COVID 19 doesn’t permit unilateral variations to Employment Agreements – Employment Lawyer – Business Lawyer – Dukesons Business Law
This Blog isn't legal advice – if you need legal advice on any employment law issue, please contact me. I'm business lawyer (commercial lawyer) in Auckland who provides advice on a wide range of business law including as an employment lawyer on employment law issues.
A recent ERA case (Raggett and others v Eastern Bays Hospice Trust) that relates to a factual matrix that occurred during a COVID 19 lockdown period illustrates the law that employer’s can’t usually vary employment agreements unilaterally.
The Employer received the Government Wage Subsidy (GWS) during the level 4 lockdown. (The GWS would seem to have been under the first set of rules that applied.) The GSW declaration stated “You agree you will, using best endeavours, retain the employees named in your application in employment on at least 80 percent of their regular income for the period of the subsidy.”
The Employer was a retailer. Stores were closed and employees weren’t required to work. The Employer sent a memo to employees stating that normal salary and wages would be paid until the end of the week and then payment would be at 80% until the end of the lockdown when the situation would be reviewed.
The Employer began consulting with employees about 3 weeks into the lockdown about a proposed restructure. Employees were then advised that their positions were disestablished and they would receive 8 weeks’ notice of termination (double their entitlement). They were told that the notice period would be paid out on the following basis:
- First 4 weeks - 80% of salary or wages.
- Second 4 weeks - the GWS rate of $585.80.
The employees lodged a claim in the ERA and as a matter of urgency, the ERA dealt with the calculation of pay in relation to the notice period. (The claim in relation to whether the redundancy was fair and reasonable has still to be determined.)

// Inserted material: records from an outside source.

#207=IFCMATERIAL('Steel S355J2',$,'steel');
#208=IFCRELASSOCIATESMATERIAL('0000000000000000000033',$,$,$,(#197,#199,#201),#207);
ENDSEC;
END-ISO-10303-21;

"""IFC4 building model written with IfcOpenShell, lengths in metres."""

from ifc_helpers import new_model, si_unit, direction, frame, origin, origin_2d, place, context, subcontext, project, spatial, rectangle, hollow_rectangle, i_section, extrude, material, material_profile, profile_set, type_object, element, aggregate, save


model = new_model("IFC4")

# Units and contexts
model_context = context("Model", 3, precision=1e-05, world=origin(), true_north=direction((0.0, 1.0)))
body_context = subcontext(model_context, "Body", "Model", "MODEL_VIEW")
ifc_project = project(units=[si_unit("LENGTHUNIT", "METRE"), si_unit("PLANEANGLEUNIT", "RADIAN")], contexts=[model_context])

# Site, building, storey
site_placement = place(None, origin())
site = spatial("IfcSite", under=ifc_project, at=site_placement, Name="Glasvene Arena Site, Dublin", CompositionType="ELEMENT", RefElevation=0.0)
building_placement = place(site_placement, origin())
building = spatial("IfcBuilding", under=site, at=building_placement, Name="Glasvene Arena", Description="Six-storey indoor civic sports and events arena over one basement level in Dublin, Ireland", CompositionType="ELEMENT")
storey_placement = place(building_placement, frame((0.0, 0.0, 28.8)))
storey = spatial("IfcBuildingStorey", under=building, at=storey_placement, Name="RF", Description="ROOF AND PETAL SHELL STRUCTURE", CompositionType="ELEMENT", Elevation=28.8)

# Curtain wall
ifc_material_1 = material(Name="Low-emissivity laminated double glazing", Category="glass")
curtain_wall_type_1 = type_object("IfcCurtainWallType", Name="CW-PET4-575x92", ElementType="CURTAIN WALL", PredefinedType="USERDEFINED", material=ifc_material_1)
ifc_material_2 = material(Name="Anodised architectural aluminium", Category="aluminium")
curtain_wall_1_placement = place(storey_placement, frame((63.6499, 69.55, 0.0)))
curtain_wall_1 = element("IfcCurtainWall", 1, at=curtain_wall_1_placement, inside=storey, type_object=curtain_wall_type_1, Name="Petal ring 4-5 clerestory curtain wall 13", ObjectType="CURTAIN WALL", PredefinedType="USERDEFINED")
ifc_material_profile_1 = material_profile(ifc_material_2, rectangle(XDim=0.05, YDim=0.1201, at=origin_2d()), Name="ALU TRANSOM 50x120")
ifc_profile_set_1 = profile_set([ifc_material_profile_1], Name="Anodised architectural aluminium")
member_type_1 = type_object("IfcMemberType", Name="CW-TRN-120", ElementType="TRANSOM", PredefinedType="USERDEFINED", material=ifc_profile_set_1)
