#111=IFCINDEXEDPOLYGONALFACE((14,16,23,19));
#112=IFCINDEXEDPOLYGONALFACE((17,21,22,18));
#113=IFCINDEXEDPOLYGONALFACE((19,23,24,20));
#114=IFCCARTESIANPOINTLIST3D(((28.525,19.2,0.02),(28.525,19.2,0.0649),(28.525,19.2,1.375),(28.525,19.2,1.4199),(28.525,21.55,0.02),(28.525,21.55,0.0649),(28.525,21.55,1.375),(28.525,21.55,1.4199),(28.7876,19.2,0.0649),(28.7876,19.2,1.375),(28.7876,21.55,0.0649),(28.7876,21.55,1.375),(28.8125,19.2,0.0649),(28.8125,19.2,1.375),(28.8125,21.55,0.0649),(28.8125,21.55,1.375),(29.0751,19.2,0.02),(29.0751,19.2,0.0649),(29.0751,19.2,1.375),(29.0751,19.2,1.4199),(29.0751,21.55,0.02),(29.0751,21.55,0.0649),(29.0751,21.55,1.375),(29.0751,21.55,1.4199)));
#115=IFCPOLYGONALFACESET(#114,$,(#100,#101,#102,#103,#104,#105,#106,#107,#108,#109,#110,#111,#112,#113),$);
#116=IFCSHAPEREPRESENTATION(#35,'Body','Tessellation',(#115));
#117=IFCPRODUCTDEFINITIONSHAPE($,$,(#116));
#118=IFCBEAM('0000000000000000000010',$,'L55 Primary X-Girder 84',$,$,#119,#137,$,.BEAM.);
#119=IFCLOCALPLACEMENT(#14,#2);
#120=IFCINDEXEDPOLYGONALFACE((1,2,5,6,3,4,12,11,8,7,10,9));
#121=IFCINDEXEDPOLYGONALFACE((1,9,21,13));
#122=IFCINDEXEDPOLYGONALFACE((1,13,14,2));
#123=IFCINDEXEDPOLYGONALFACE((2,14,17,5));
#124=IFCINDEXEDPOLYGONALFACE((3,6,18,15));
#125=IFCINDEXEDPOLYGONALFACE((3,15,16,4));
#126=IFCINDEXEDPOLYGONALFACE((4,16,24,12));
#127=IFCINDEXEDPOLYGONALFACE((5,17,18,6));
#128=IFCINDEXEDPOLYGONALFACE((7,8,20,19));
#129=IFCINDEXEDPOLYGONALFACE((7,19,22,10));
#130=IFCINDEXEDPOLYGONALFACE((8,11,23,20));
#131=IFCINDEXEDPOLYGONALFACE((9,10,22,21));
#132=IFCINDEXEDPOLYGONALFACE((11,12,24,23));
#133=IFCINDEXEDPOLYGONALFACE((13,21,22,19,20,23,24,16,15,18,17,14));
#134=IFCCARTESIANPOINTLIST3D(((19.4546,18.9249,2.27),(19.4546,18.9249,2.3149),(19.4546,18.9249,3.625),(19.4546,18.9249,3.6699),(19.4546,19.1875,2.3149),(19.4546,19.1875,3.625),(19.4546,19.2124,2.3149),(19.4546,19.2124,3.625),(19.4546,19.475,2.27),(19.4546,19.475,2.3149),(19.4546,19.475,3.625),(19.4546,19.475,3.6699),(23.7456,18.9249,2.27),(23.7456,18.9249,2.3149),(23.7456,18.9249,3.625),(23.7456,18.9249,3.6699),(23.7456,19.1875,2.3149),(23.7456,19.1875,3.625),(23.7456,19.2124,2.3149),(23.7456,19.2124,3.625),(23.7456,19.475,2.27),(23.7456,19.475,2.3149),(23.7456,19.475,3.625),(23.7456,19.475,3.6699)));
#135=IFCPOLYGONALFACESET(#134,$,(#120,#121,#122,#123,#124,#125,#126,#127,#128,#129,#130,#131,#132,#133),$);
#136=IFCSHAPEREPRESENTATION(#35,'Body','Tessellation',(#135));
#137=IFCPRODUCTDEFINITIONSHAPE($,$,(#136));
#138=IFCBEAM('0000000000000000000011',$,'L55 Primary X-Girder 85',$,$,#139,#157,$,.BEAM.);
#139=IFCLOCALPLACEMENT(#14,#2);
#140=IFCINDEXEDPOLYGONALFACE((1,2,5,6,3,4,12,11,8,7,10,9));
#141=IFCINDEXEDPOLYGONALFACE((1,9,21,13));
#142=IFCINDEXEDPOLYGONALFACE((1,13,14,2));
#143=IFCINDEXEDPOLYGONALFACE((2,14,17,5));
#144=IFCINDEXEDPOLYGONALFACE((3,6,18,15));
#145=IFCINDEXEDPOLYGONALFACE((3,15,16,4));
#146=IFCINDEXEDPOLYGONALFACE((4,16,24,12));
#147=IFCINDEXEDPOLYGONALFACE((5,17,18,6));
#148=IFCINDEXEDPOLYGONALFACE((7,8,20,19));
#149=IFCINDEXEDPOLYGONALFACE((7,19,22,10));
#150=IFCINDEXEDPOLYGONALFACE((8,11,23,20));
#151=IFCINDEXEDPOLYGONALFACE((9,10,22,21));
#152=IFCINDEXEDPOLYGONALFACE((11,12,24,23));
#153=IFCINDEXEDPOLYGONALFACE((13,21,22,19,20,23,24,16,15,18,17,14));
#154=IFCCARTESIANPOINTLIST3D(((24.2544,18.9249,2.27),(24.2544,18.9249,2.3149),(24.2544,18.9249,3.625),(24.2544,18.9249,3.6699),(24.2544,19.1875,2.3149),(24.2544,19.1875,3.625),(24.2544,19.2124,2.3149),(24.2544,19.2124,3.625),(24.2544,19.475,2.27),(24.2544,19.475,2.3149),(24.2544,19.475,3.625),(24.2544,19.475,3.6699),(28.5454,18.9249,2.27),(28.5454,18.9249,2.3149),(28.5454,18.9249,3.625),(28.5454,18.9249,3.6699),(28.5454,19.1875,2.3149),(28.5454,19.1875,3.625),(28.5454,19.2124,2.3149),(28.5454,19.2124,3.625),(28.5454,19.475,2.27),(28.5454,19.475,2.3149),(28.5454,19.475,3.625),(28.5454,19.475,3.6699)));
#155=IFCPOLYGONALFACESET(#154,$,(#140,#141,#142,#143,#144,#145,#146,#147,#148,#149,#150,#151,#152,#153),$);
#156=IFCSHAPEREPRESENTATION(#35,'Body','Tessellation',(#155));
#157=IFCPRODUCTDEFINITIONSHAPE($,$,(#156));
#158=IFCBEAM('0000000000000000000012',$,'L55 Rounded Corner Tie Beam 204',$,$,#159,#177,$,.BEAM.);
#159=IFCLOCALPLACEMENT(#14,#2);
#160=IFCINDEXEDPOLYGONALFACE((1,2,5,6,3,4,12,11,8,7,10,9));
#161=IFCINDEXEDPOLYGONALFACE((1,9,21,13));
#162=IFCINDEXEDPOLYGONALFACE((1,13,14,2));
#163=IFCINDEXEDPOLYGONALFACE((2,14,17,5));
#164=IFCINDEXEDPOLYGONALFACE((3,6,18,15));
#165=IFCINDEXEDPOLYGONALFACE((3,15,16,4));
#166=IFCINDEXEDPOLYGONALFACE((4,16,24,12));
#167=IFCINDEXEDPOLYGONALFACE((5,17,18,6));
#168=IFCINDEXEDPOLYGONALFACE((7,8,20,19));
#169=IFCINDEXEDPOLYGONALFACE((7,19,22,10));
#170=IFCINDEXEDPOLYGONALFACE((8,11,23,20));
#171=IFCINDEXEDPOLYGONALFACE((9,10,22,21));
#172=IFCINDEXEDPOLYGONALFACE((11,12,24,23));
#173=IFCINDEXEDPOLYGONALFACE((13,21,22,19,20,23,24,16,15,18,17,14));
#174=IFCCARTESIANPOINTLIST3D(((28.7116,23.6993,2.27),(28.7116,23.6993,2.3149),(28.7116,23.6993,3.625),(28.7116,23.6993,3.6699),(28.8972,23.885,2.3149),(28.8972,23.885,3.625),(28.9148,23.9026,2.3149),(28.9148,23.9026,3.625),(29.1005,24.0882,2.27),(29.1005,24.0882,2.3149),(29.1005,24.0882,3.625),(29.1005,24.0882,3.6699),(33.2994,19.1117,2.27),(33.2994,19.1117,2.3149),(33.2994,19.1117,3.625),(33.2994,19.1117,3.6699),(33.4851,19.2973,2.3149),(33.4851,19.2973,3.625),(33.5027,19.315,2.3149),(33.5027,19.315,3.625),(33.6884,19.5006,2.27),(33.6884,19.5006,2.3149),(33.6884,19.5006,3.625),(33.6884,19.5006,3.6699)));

The ERA confirmed that a basic principle is that the terms of employment can’t be unilaterally varied. The employees hadn’t agreed to being paid anything other than their normal wages and salary. Just because the Employer extended the contractual notice period, it couldn’t unilaterally change the rate of pay during the extended period. The Employer should’ve consulted with the employees about a proposal to extend the notice period and to pay that extended notice period at a different rate.
The Employer argued that it had no obligation under the Wage Protection Act 1983 to pay contractual salary or wages because the employees weren’t working. The ERA held that the workers were ‘ready willing and able to work’ but for the intervening event of the COVID-19 restrictions. (That’s an important issue, to employment lawyers and to employers, that could be relevant in a range of circumstances. One ERA determination doesn’t necessarily cement the law.)